Ein etwaiger Verstoß gegen das Doppelvermarktungsverbot ist nicht streitgegenständlich.

3. Dem Kläger steht ein Anspruch auf Erstattung der Abmahnkosten zu. Die Abmahnung vom 14.05.2018 (Anl. K 7, Bl. 42 - 45 d. A.) war berechtigt. Der Kläger hat darin die im Klagantrag zu Ziffer 1. a) wiedergegebene Passage aus der Werbung der Beklagten zitiert und im Ergebnis beanstandet, dass der Verbraucher entgegen der darin geweckten Erwartung nicht mit ausschließlichem Grünstrom aus der Region beliefert werden könne. Diese Beanstandung trifft zu. Der für die demnach berechtigte Abmahnung angefallene Kostenaufwand kann nach § 287 ZPO geschätzt werden. Er liegt mit dem geltend gemachten Betrag von 267,50 € im üblichen Rahmen.

4. Die Kostenentscheidung beruht auf § 92 Abs. 1 ZPO. Das teilweise Unterliegen des Klägers folgt daraus, dass dem zunächst uneingeschränkt erhobenen Unterlassungsbegehren nicht in vollem Umfang entsprochen werden konnte.

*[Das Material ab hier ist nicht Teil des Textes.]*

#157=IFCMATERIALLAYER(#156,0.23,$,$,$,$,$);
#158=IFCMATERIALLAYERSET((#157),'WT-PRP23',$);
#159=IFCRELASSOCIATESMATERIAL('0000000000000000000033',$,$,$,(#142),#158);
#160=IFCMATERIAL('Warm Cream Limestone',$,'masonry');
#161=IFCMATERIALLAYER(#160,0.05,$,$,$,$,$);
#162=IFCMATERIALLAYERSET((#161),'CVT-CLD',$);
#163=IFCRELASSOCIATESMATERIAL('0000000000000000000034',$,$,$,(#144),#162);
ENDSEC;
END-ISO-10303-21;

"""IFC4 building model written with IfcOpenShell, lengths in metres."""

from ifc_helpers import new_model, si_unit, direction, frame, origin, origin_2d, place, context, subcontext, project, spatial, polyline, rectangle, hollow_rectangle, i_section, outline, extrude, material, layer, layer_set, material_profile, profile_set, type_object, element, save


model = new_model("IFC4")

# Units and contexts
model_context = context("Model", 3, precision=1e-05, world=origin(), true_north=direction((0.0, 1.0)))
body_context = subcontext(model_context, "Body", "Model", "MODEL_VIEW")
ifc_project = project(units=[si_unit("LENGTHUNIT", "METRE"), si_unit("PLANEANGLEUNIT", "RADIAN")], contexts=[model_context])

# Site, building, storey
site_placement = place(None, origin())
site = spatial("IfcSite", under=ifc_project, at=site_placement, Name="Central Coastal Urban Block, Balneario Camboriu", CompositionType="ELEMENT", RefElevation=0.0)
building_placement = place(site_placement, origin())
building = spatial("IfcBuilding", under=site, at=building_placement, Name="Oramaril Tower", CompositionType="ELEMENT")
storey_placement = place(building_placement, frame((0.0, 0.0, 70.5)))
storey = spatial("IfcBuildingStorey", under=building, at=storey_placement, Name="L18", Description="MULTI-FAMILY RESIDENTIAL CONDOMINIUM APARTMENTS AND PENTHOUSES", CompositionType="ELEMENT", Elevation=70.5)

Im im Tenor genannten Umfang ist die Werbung der Beklagten zulässig. Die Entscheidung über die vorläufige Vollstreckbarkeit beruht auf den §§ 708 Nr. 10, 711 ZPO.

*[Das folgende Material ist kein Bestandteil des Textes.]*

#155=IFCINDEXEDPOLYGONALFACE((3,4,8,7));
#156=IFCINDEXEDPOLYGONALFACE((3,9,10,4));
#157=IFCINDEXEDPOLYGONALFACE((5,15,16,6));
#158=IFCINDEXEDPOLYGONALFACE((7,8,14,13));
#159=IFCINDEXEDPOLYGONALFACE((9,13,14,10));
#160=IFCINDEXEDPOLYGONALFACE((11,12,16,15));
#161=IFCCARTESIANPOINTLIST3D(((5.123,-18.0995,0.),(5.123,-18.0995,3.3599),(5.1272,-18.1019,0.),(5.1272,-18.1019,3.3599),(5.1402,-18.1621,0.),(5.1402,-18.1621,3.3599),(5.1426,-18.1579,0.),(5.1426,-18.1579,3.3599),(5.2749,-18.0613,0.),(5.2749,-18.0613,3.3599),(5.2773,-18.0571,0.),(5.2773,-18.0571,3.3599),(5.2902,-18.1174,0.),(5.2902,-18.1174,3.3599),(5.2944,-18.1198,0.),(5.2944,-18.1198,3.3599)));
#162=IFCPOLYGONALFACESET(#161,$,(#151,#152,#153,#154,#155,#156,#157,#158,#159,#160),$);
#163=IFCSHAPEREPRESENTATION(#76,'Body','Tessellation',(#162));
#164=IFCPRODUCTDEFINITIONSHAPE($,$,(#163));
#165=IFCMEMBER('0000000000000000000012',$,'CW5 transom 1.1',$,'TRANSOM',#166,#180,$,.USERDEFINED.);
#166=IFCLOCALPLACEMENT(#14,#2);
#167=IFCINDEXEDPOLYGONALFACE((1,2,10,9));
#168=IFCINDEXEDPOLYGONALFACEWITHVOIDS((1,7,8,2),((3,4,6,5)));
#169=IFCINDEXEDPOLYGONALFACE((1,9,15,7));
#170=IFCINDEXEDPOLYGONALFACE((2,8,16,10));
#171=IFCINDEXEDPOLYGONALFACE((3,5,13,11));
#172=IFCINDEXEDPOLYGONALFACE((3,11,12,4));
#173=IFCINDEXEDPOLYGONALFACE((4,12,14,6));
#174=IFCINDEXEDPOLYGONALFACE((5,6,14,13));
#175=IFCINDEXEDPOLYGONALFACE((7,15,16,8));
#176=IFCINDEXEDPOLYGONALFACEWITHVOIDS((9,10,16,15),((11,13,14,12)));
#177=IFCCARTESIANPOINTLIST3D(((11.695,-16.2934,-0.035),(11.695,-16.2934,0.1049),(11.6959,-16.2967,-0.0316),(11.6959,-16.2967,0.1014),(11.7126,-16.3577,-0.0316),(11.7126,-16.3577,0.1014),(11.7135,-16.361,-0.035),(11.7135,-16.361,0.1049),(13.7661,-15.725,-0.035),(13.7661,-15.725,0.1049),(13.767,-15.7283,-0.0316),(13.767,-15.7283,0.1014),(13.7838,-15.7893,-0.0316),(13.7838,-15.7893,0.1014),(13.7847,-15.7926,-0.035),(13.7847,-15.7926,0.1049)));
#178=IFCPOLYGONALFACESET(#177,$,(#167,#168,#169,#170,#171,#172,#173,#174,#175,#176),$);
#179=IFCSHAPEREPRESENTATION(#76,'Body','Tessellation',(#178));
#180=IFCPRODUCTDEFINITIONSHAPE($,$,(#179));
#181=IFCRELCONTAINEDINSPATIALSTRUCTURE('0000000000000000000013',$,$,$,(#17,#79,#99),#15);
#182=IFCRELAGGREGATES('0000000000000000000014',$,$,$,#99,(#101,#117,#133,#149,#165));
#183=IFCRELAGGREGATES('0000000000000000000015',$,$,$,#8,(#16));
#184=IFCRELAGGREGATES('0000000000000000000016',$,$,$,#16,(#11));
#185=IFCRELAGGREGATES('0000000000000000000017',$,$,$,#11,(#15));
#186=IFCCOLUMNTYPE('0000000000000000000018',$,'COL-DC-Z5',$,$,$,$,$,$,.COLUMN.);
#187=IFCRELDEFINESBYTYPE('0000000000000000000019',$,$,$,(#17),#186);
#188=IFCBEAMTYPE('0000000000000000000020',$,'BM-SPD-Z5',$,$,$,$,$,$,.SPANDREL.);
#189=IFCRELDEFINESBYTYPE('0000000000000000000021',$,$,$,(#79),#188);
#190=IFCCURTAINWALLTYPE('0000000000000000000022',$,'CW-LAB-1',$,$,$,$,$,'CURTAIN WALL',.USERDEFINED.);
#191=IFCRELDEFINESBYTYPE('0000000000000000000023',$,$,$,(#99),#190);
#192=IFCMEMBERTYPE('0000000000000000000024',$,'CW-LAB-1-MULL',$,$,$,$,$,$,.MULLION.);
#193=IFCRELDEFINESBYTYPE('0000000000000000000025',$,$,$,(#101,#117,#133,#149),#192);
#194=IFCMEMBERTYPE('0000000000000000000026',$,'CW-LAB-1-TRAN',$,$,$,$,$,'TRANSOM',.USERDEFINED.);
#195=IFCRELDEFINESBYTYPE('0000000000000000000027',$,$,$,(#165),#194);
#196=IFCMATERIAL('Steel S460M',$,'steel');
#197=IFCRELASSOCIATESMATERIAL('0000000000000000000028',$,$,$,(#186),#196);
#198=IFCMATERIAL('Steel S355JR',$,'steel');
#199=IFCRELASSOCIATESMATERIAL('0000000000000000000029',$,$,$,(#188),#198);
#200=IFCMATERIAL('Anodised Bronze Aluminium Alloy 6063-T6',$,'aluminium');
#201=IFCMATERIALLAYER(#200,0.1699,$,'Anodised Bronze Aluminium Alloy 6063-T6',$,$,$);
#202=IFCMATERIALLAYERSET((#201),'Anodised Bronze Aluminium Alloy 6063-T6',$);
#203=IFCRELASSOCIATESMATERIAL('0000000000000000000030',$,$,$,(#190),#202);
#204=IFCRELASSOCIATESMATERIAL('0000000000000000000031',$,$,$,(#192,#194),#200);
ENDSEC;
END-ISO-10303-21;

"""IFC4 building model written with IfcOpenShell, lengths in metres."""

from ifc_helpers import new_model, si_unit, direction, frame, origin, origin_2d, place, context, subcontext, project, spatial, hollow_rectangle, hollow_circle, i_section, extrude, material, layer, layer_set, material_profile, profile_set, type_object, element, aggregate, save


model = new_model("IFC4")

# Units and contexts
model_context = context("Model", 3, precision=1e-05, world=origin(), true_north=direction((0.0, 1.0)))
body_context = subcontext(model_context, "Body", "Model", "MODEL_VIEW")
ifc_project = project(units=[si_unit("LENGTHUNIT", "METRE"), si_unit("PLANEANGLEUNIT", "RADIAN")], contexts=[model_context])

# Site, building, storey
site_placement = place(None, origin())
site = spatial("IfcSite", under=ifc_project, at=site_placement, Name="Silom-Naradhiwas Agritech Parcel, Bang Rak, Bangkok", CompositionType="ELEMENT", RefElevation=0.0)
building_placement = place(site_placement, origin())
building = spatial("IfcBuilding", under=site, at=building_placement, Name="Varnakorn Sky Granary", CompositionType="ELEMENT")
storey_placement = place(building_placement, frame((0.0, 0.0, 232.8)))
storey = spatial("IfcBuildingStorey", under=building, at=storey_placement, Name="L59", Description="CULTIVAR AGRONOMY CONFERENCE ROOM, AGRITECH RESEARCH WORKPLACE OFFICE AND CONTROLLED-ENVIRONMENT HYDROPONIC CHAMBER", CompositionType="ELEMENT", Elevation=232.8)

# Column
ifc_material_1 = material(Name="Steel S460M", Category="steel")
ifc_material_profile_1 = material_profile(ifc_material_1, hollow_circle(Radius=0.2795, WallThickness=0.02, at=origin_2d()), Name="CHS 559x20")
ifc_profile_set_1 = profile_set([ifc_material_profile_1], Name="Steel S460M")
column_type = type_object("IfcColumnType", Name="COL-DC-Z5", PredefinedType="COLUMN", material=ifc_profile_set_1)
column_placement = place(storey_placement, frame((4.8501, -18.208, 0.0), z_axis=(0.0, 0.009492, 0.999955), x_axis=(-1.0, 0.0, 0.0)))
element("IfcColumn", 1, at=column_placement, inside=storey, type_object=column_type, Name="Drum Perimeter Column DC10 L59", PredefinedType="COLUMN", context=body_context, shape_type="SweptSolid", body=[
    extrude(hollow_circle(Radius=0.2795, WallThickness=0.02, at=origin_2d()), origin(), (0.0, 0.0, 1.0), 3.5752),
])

Grund für die Zulassung der Revision besteht nicht. Der Senat weicht mit seiner Entscheidung nicht von anderer obergerichtlicher Rechtsprechung ab. Zwar haben die Oberlandesgerichte Hamburg und Karlsruhe die Werbung für Strom als reinen Grünstrom ohne jeden Anteil von Strom der nicht aus erneuerbaren Energien stamme, für lauterkeitsrechtlich unbedenklich gehalten (s. o.), während der Senat die streitgegenständliche Werbung ähnlichen Inhalts als unlauter bewertet. Der Senst stützt seine Entscheidung jedoch auf eine Würdigung des Aussagegehalts der Werbung im hier zu beurteilenden Einzelfall. Abweichende Entscheidungen zu ähnlichen Werbeaussagen in anderen Fällen stehen dazu nicht in Widerspruch. Eine Entscheidung über die grundsätzliche Unlauterkeit von Werbung für "100 %-igen Grünstrom" o. ä., ist mit der Entscheidung des Senats nicht verbunden.